At the next stage I added finer threads such as polyester dressmakers’ cotton, Coton a Broder, mohair, embroidery thread and ribbon. I made loops and tangles to impart depth and texture. I added accents of shocking pink jumbo pipe-cleaner, fluorescent yellow lace, yellow organza ribbon, heat-creased synthetic fabric and bobble fringe. These were woven and pushed into the piece. The final result is shown below:

This sample is my favourite of project 2. It is visually interesting with depth and a suggestion of movement. The colour balance works extremely well, especially with the complementary violet, lime green, purple and yellow. It has an organic feel; the pink pipe cleaners and fabric scraps seem to be emerging or erupting from the body of the sample. I love the complexity of the surface. Each time I look, I see new subtleties of colour and new areas of textural interest. It has confirmed my preference of working with larger samples.

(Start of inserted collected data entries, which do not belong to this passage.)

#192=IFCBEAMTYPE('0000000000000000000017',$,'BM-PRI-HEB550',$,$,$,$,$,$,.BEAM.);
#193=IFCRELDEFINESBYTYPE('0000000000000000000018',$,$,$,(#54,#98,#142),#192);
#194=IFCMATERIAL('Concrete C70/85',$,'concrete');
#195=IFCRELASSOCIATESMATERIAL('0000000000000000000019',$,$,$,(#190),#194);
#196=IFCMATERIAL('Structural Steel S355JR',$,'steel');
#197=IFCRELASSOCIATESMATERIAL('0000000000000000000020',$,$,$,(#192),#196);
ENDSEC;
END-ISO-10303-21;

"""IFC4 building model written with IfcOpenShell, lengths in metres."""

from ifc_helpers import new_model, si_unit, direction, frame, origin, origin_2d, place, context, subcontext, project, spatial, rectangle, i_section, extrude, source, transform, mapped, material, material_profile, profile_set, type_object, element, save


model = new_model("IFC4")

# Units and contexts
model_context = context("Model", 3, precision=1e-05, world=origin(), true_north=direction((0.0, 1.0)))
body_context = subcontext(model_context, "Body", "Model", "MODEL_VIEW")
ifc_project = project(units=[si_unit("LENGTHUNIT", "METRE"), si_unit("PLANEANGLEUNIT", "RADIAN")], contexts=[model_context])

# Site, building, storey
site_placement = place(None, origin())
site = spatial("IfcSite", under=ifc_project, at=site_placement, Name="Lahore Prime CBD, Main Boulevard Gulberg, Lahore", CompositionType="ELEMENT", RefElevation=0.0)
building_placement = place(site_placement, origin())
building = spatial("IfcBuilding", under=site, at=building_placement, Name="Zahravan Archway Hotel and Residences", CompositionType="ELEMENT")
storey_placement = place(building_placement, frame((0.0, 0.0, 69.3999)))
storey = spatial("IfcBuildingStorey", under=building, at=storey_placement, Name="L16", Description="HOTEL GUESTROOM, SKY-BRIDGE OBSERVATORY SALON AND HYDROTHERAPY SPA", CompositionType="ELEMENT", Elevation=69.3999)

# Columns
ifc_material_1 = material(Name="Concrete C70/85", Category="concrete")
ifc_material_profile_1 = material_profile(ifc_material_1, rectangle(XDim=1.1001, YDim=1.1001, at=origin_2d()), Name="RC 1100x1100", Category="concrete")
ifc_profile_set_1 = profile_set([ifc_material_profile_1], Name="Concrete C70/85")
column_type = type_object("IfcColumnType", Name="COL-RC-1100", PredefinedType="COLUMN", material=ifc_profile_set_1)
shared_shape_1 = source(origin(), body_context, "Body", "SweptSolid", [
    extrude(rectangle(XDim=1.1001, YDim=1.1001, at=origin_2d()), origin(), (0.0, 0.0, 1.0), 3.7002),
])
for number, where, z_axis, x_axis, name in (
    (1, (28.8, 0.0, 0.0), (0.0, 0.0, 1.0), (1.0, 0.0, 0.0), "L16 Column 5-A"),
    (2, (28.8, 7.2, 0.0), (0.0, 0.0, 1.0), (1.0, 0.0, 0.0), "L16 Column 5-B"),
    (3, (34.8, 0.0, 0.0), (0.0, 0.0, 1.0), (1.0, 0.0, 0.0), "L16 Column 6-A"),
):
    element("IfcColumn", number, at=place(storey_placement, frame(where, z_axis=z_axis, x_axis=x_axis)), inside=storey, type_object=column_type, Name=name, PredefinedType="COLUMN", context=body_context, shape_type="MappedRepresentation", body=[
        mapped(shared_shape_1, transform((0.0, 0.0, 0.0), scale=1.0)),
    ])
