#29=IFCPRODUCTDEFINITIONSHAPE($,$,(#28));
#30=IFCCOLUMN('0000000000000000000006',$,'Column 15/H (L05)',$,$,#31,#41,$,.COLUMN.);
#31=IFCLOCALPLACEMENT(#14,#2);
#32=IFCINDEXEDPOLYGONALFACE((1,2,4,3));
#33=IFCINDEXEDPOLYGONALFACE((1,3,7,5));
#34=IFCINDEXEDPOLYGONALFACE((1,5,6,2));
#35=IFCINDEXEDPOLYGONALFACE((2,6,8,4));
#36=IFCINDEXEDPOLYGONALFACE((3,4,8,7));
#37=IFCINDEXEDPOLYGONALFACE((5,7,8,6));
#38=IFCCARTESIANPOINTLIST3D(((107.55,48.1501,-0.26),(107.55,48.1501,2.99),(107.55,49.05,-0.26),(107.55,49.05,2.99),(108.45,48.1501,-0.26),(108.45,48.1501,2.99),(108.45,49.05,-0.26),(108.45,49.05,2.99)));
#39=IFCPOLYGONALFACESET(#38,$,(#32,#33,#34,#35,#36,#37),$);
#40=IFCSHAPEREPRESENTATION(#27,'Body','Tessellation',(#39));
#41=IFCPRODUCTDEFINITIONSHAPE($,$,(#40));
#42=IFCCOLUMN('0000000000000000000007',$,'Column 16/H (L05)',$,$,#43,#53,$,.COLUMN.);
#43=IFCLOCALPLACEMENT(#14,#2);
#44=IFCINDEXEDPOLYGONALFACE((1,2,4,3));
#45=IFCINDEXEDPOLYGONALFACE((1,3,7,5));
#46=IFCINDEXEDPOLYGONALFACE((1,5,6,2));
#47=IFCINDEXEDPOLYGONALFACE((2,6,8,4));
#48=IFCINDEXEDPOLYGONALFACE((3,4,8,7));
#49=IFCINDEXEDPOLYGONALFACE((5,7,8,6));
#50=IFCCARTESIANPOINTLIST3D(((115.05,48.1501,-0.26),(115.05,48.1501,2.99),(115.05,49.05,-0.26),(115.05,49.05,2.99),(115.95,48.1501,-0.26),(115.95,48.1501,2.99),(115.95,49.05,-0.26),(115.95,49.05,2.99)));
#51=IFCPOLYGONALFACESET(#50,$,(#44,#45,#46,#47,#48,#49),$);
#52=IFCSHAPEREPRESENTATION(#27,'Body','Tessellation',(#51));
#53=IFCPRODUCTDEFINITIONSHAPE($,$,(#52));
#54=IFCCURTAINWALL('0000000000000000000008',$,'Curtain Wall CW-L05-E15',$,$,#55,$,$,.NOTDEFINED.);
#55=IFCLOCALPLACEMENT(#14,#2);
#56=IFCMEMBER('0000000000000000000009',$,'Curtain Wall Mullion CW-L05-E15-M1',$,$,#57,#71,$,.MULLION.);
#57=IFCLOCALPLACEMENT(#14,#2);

Post script on the work of Judith Scott 9/12/16

Looking back at the work of Judith Scott, I can see that her style differs quite markedly from mine. Her work involves mainly threads in tension, looped under each other to provide a ‘framework’, whereas my style used mostly wrapping, and features many loose threads and tangles. Scott’s work also makes use of many more found objects (for example, her wrapped chair incorporates a large wheel). Her wrapping materials are often reclaimed; washing machine hose, old tights, for example. This gives a huge amount of depth and texture to her pieces. I would like to experiment by incorporating found objects in my wrapping and using them for wrapping materials.


SAMPLE 6: Wrapped pine cone 

Because sample 5 was large, I wanted to see if I could scale down my wrapping and make an equally engaging small piece. I chose a pine cone which I initially wrapped in fine beige crochet cotton, working in a circle between the protrusions. The aim was to fill the gaps, but not to cover the cone completely.

I also selected lustrous machine embroidery threads and red and blue Angelina fibre, being suitably fine and worked these over the crochet cotton. The finished sample is shown below:

I tool photographs in both natural and artificial light but I couldn’t get a proper representation. This was the best picture that I managed to take. The graduation of colour from pink/red at the tip to blue/red at the base and underneath, and the lustre of the threads don’t show up to best effect. 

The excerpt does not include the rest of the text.